Diving into data science and the Udacity DAND
I have been thinking about starting a blog for some time but I never knew what to write about. So when I decided to enroll in the Data Analyst Nanodegree from Udacity I thought it might be a good opportunity to start a blog as well.
I won’t go into the details here on why I’m starting to study data science, but among the different online alternatives I looked at, I felt that the Udacity Nanodegree offered the best mix of statistics, programming (in both python and R), and project-based assignments. I believe that after completing this nanodegree I will have a good foundation for a portfolio of data science related projects.
At the time of writing, there are one optional and seven mandatory projects included in the nanodegree (See below).
- P0, Analyze Bay Area Bike Share Data (Optional intro to the data analysis workflow and Jupyter notebook)
- P1, Test a Perceptual Phenomenon (Statistical tests and drawing conclusions based on data)
- P2, Investigate a Dataset (Using numpy and pandas to answer questions with and about datasets)
- P3, Wrangle OpenStreetMap Data (Munge and clean up OpenStreetMap data for a part of the world you care about)
- P4, Explore and Summarize Data (Apply exploratory data analysis techniques on a selected dataset using R)
- P5, Identify Fraud from Enron Email (Use machine learning to identify possible fraud with emails and financial data)
- P6, Make effective Data Visualization (Create data visualizations according to current best practices with dimple.js or d3.js)
- P7, Design an A/B Test (Design and analyze an A/B test in order to find improvements to a website)

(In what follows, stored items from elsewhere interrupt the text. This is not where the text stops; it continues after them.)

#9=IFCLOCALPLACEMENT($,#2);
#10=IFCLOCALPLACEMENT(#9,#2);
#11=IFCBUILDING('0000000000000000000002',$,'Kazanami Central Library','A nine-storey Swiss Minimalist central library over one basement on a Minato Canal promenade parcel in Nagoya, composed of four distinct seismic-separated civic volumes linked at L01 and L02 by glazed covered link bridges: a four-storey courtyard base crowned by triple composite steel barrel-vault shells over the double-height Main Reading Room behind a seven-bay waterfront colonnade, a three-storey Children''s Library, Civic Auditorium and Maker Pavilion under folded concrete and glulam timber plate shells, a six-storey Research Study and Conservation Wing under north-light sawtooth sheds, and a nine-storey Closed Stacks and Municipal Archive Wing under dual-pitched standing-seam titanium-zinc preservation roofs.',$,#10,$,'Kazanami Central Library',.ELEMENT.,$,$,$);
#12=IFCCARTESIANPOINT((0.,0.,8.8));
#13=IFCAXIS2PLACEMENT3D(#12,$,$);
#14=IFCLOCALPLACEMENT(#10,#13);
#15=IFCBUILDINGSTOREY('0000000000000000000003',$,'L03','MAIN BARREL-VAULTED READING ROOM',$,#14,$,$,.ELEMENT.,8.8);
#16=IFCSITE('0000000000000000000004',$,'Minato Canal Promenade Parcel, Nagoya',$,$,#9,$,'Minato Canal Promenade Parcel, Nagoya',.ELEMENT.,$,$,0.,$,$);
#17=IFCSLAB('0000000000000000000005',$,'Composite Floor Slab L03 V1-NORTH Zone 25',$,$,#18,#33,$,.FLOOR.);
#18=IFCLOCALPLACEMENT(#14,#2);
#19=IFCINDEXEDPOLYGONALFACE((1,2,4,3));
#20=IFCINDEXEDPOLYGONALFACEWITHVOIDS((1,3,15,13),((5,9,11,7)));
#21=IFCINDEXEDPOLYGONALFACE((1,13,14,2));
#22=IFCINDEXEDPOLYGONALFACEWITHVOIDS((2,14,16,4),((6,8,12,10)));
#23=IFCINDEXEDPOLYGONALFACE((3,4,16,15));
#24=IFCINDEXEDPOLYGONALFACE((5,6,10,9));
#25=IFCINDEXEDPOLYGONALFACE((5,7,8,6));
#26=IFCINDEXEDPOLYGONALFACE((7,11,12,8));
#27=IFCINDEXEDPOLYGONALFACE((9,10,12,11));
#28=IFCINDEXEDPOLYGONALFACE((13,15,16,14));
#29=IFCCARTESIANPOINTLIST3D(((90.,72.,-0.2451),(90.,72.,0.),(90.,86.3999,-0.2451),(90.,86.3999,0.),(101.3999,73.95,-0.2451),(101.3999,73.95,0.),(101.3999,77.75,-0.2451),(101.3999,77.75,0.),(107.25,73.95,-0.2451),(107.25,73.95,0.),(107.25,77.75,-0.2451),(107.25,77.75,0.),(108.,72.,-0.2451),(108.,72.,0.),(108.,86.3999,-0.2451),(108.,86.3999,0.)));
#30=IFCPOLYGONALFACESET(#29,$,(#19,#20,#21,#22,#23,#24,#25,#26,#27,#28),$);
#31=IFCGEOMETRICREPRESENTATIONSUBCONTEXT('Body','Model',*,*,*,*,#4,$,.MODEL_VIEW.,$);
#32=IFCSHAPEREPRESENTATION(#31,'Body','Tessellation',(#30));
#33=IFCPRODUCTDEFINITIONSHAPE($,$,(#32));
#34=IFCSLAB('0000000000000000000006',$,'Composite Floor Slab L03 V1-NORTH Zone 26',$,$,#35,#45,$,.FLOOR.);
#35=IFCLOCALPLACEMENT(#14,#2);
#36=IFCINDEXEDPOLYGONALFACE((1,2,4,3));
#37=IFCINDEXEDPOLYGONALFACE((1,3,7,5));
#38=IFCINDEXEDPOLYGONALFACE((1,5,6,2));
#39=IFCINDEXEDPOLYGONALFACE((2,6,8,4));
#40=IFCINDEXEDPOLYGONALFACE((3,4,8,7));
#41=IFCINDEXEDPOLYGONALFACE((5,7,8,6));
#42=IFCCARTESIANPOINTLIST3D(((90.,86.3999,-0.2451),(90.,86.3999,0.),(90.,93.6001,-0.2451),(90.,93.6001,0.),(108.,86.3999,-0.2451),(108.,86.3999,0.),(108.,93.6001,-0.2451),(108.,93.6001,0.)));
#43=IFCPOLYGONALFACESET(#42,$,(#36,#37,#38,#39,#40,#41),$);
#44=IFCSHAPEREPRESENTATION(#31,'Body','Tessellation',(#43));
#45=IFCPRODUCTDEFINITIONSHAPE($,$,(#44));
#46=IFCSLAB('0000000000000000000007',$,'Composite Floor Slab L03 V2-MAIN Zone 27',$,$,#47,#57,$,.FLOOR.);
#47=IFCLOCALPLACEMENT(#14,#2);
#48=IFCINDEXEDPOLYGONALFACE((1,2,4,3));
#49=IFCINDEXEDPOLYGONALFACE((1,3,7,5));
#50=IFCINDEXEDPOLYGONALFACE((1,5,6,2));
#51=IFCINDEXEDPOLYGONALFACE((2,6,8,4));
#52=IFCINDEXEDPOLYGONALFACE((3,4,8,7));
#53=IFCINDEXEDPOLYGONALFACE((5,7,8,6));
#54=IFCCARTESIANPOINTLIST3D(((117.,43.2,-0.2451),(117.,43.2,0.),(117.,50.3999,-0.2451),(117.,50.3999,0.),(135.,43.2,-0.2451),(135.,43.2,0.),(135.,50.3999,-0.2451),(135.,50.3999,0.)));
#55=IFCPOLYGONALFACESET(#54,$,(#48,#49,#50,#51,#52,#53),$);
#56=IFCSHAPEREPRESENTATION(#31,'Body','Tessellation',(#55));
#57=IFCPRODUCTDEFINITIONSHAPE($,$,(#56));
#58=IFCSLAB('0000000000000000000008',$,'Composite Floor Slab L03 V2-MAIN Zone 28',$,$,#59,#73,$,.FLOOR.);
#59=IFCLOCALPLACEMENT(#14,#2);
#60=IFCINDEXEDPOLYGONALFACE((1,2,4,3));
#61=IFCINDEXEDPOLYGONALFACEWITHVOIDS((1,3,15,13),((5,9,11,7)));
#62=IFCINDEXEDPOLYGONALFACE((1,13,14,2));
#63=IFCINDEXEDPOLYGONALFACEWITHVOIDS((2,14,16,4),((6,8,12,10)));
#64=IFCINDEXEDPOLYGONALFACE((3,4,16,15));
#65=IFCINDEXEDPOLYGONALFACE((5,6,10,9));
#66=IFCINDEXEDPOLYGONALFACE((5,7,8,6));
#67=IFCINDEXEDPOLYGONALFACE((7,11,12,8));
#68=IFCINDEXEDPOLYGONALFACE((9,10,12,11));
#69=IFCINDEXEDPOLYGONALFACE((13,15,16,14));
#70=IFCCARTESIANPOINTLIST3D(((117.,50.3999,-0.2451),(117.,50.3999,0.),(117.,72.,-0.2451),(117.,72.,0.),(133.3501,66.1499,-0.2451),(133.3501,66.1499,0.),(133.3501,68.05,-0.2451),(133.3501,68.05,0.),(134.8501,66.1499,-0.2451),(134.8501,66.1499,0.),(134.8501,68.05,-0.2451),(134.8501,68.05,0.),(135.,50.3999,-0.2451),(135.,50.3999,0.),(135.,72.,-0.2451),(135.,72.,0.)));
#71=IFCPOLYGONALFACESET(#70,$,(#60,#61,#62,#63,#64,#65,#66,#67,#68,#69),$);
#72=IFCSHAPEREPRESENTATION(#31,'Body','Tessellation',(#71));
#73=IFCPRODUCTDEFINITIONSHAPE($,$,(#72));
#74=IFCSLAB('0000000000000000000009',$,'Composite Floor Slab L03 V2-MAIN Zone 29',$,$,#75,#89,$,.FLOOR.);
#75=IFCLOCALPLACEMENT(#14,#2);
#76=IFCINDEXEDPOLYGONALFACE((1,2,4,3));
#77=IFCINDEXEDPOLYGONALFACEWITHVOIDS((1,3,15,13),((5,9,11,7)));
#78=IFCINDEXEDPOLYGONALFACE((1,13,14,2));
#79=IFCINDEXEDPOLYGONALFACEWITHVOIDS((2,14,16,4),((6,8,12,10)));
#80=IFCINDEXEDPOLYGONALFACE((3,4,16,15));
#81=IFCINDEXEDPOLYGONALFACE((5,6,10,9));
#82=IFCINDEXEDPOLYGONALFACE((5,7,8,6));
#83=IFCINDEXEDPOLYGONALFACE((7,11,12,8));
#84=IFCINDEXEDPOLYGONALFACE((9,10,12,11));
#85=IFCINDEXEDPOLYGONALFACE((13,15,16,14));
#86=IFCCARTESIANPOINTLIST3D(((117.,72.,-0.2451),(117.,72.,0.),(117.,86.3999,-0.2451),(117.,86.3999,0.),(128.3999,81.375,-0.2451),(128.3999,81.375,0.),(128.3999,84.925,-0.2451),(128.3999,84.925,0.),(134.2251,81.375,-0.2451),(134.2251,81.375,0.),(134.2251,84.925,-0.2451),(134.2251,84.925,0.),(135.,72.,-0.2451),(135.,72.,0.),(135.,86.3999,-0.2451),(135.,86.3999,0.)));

For anyone interested to know more about the contents all the course material and project descriptions are accessible free of charge. However, you will not be able to send in your project for evaluation without paying.
At the moment I have only finished the first introductory project to get a feeling for the whole submission process, but my experience so far has been good. Submitting my project in the evening the day before, I received feedback already during the next day and the feedback received really helped up my motivation.
The content is not much to talk about, which is to be expected from an introduction, but the next project looks promising. I will continue to update this blog with my results from each of the projects and anything else I might learn on the way that is worth sharing.